As organizations navigate the digital landscape, protecting sensitive data from breaches and insider threats, while adhering to regulatory compliance, has become a paramount concern. As more and more data is migrated to the cloud, the challenges of maintaining visibility, security, and governance over that data have become increasingly complex.

In this blog, we will delve into three of the top challenges organizations face as they strive to protect their data, and how Zscaler can help reduce risk while also increasing productivity.

 

Challenges:

1. Enabling cloud app productivity while reducing risk

In today’s digital world, there is an increasing emphasis on user productivity and collaboration. This means users can work from anywhere and have the ability to access and share data as needed. 

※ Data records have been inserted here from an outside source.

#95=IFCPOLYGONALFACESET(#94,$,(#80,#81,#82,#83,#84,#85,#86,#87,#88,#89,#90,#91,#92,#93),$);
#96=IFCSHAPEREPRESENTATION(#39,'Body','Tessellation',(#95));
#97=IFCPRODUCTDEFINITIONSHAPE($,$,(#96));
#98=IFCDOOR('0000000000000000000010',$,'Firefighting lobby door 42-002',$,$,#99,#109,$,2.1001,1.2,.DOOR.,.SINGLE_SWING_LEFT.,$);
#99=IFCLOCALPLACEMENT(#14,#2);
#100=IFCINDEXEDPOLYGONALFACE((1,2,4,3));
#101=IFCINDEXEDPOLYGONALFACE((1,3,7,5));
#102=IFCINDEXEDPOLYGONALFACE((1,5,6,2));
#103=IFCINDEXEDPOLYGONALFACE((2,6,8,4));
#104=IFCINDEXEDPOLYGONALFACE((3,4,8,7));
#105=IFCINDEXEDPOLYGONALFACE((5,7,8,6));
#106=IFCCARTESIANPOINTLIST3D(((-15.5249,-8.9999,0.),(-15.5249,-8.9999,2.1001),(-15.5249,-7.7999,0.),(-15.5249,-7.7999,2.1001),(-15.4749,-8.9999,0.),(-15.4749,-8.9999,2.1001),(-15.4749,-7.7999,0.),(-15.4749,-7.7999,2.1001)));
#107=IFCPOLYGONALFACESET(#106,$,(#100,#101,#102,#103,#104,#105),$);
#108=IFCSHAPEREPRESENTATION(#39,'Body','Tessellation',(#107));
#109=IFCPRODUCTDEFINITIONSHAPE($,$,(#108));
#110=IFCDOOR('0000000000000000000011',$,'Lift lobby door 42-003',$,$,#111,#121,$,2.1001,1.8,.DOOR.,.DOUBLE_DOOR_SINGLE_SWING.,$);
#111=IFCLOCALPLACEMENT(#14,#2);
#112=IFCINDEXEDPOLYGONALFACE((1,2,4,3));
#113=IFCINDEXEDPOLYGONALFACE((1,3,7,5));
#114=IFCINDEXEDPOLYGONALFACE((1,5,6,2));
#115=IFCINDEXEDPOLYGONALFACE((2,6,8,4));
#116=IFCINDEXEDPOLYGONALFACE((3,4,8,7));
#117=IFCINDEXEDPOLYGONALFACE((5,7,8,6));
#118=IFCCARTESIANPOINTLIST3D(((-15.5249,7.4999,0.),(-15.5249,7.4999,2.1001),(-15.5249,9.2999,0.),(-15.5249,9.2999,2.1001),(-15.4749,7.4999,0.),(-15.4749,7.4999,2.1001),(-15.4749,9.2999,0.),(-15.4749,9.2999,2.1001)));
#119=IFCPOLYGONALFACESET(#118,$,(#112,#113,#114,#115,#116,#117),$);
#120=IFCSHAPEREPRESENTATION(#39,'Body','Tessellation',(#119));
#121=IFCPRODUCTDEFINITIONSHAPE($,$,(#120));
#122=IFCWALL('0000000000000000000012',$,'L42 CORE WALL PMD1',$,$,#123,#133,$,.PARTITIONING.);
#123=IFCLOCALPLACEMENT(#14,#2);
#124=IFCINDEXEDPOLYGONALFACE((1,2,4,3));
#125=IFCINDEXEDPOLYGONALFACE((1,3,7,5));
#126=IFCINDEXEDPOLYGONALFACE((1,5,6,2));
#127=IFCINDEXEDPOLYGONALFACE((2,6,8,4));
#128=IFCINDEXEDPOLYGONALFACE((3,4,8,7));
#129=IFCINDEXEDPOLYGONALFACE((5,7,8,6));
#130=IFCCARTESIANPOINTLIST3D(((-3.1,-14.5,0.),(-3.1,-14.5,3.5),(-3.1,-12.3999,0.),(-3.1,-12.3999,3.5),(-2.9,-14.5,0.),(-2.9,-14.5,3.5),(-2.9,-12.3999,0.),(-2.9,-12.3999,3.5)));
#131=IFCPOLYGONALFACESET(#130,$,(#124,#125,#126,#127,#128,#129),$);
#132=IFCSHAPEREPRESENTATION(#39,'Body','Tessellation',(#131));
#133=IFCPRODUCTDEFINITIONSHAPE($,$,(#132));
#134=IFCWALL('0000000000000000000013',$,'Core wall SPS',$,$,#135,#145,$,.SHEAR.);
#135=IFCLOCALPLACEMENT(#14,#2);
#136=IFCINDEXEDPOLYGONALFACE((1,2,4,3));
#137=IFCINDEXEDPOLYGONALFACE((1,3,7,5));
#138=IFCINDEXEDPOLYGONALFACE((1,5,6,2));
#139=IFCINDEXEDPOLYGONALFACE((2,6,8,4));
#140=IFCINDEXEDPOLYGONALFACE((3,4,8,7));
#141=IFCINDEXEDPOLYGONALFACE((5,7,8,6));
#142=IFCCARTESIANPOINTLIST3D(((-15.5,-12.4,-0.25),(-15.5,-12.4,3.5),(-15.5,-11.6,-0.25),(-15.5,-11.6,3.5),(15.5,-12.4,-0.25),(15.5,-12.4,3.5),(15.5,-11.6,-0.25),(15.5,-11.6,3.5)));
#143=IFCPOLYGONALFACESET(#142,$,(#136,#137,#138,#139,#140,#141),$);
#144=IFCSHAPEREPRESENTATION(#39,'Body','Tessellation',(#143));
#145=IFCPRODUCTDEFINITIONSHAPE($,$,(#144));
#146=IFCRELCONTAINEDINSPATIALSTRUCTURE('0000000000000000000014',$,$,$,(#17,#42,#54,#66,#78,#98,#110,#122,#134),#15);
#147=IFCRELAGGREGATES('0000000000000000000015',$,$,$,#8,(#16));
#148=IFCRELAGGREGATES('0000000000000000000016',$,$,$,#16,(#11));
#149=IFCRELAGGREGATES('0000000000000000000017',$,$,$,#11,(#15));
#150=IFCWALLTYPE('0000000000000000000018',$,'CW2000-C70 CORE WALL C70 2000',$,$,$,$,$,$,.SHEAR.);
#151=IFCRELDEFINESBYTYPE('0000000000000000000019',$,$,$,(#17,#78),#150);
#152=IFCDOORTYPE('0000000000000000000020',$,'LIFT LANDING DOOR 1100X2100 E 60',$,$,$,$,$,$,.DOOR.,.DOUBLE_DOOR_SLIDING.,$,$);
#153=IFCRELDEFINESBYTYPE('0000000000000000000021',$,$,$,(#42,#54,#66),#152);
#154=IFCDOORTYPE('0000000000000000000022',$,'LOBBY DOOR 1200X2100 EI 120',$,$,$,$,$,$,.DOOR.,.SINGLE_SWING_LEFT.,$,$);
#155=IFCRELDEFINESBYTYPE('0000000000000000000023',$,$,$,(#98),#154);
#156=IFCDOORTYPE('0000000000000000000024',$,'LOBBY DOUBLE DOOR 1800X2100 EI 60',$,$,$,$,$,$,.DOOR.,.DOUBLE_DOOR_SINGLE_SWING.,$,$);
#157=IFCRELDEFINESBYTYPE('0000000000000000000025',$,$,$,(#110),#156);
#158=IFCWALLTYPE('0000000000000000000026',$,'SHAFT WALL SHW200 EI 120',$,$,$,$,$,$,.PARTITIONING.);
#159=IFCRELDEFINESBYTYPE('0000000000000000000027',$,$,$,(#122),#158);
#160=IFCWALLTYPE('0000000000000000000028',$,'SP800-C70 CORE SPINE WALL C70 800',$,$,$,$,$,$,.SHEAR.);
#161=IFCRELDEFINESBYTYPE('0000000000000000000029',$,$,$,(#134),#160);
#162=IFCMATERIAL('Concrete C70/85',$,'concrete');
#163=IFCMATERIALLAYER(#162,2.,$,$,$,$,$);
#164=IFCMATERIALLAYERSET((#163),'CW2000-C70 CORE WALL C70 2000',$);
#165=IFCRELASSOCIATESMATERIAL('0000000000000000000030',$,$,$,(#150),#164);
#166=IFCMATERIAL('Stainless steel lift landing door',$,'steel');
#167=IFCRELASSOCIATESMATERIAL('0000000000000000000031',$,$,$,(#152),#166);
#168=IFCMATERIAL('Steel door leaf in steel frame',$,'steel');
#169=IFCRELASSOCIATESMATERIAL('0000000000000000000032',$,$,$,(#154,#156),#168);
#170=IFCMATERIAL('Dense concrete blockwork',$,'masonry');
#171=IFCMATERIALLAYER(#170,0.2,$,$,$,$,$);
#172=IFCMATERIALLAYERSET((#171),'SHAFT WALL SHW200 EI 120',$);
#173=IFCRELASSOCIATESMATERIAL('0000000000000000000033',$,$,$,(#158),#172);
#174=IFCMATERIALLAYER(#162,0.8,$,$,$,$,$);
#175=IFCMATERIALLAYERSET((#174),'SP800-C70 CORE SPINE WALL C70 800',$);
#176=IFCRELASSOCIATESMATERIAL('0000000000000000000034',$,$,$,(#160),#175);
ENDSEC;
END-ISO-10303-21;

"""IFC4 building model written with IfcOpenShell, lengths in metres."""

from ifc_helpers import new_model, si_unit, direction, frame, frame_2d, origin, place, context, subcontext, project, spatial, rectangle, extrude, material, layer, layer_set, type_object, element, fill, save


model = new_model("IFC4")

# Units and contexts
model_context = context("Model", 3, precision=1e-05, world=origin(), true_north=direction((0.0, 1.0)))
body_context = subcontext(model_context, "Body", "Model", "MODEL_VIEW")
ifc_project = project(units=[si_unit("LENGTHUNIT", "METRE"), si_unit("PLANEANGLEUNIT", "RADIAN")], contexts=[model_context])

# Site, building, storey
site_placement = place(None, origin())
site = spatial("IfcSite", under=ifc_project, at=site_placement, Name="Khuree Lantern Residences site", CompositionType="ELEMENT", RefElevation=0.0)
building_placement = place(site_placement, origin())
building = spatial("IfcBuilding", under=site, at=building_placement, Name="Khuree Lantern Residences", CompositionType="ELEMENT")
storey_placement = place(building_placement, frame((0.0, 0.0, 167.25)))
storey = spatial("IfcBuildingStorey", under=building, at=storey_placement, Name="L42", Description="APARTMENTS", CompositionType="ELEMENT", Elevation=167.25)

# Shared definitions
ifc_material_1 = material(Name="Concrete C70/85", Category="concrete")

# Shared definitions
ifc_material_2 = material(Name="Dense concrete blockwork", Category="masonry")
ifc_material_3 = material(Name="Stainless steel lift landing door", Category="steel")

This presents a big challenge to IT teams: how to enable the best user experience without compromising security. With data widely distributed and accessible over the internet, legacy data center security just can’t keep up. They need a more modern way to secure these connections and data.   Data protection technologies like DLP or CASB are an important ingredient to this challenge. 

 

2. Preventing accidental data exfiltration

Accidental data exfiltration is another big challenge when it comes to data protection. Users often forget security best practices and cause accidental data exfiltration. 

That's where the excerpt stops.